The fact that she’s willing to own it, admit it, instead of hiding her feelings makes me like her even more. Which suckssince she’s in the process of telling me that, despite whatever connection we clearly have, she doesn’t want to give us a shot.

Still, there’s no point in denying that I’m picking up on it too.

“It didn’t feel fake to me either.” I move to the couch and sit down. “So where does that leave us?”

She drops down beside me. “We get through the premiere. Play our parts. Silence Claire. Save your movie.”

I nod, chuckling over her very frank summary. I lean forward to prop my elbows on my knees. “Then what happens?”

She shrugs. “Everything goes back to the way it was before. You go back to your life, and I go back to mine.”

“What about your squirrels? You won’t ever come back to check on them?”

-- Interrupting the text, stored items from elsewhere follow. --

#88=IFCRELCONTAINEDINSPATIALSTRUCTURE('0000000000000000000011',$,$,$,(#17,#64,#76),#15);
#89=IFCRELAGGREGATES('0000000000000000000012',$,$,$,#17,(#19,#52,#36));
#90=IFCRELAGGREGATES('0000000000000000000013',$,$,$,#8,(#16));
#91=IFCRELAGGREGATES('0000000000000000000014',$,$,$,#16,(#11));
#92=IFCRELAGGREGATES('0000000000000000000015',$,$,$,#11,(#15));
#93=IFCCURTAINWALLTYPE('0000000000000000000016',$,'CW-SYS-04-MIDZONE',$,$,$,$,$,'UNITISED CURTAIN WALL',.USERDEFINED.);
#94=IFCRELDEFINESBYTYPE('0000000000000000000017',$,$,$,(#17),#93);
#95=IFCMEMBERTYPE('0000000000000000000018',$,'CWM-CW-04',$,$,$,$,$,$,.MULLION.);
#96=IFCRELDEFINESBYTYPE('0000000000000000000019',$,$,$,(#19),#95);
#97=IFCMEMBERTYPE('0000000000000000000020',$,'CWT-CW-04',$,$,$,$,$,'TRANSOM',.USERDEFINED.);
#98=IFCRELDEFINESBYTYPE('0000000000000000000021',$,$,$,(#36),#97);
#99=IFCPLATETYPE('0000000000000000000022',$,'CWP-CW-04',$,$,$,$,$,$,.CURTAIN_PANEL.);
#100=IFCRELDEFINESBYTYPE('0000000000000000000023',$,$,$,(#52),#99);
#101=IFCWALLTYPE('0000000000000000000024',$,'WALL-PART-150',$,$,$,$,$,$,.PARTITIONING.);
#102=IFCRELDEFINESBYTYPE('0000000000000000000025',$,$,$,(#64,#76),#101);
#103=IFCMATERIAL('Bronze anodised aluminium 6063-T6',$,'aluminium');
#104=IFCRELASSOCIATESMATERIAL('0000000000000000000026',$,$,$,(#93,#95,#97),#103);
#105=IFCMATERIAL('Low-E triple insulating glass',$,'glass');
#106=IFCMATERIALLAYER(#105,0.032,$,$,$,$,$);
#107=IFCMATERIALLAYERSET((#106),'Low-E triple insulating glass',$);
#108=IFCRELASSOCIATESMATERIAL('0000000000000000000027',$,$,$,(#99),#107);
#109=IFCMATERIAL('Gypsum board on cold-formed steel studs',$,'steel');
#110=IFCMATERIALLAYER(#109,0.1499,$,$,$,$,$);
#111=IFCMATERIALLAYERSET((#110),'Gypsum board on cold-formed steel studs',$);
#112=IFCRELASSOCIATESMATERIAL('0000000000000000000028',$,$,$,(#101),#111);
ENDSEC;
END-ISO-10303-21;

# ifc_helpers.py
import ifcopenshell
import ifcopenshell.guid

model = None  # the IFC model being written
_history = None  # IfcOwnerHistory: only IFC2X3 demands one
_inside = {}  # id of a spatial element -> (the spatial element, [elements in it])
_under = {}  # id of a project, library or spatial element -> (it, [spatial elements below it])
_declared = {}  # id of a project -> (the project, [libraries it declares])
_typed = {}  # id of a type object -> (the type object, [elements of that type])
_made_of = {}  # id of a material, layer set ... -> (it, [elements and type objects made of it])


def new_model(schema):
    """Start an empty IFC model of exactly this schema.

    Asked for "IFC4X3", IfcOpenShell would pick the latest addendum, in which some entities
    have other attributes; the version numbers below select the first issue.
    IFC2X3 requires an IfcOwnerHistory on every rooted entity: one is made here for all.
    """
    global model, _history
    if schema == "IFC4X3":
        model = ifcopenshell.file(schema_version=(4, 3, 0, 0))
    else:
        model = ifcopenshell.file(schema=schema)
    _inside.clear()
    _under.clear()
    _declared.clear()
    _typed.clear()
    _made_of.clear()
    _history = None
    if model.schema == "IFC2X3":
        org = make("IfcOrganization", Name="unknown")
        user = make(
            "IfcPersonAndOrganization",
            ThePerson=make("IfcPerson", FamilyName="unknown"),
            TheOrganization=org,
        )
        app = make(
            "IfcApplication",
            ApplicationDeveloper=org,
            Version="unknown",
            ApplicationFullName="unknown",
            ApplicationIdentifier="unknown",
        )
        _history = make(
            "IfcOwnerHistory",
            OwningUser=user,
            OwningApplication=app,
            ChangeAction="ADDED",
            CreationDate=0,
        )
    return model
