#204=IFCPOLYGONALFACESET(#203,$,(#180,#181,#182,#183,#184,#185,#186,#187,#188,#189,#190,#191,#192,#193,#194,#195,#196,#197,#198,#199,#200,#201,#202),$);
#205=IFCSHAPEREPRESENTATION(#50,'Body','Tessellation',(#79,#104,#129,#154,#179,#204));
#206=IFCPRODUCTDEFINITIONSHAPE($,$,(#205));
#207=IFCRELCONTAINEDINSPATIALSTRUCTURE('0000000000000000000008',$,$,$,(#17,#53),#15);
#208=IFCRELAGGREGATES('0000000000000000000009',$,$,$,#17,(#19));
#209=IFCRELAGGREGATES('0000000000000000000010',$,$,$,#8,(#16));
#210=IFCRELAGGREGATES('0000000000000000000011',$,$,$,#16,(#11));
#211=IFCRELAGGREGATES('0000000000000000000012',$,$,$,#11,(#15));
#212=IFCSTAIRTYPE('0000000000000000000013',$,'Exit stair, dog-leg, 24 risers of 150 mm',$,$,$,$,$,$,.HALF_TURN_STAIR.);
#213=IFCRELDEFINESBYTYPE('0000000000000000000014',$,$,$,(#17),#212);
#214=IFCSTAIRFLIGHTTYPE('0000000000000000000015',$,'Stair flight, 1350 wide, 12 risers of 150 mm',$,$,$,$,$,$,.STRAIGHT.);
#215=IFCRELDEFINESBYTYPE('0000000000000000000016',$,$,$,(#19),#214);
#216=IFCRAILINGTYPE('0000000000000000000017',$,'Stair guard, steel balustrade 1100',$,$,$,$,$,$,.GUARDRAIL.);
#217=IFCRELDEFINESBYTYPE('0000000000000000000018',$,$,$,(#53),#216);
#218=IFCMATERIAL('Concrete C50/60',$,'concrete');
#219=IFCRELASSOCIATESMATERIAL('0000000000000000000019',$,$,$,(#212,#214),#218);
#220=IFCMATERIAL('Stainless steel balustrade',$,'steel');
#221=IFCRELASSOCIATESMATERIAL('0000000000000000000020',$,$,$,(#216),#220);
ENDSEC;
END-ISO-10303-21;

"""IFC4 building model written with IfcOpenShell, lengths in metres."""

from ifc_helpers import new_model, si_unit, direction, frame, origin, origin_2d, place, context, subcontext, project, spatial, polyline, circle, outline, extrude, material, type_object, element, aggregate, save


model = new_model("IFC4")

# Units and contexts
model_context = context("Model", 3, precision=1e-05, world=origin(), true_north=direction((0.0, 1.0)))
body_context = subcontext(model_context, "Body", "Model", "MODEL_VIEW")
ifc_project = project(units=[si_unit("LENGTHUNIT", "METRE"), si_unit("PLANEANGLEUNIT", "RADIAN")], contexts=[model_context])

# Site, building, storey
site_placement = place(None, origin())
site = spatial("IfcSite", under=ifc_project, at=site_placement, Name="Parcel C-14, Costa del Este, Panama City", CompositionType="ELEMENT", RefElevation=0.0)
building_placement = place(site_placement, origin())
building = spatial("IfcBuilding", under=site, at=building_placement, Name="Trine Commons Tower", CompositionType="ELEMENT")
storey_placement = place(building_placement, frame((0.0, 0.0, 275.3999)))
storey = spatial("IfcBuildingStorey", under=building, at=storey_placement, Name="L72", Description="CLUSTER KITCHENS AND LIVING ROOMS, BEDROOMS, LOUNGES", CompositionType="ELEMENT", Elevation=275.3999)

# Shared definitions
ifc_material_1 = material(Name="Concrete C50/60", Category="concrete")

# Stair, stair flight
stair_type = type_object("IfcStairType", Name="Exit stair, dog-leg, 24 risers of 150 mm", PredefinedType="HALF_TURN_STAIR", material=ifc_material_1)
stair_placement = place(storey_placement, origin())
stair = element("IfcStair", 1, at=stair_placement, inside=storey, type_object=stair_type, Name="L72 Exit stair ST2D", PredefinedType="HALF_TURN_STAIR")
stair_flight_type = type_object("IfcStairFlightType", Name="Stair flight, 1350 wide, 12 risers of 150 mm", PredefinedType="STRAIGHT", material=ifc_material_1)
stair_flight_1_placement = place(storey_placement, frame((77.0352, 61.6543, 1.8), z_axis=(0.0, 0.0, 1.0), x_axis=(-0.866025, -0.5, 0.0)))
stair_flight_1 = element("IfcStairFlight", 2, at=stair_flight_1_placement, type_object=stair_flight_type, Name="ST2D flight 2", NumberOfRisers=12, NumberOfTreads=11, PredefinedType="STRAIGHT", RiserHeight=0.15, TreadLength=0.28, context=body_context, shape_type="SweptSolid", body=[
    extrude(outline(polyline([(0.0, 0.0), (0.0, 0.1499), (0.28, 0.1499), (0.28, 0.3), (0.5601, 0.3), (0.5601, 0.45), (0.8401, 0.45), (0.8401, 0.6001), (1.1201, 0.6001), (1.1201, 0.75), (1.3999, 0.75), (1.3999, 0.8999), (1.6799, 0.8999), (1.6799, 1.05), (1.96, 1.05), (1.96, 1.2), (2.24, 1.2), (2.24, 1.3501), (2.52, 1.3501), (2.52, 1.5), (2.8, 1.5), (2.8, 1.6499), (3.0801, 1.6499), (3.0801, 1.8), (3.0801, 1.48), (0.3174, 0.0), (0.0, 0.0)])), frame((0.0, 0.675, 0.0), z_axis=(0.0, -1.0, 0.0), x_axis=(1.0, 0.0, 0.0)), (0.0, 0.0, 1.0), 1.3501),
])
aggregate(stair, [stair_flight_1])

She breathes out a weary sigh. “I’m not saying we’ll never see each other again; I’m just saying we can’t…that I don’t want…”

I move a hand to her knee. “Hey. It’s okay,” I say gently. “I get it.”

She lifts her eyes to mine. “You do?”

“I won’t pressure you into anything you don’t want, Audrey. That was never my goal.”

She wraps her arms around her waist, and for a moment, it almost looks like a flash of disappointment crosses her features. “That’s good. Great,” she says. “I appreciate that.”

“Are you sure you’re still comfortable coming to California with me?”

She nods. “Of course I am. I made a commitment. And everything we—” She waves a hand in front of her, and I notice a slight tremble. “All of the touching. All of that is fine.” She lifts her chin. “And kissing too, if we need to. I can—we can—whatever we need to do.”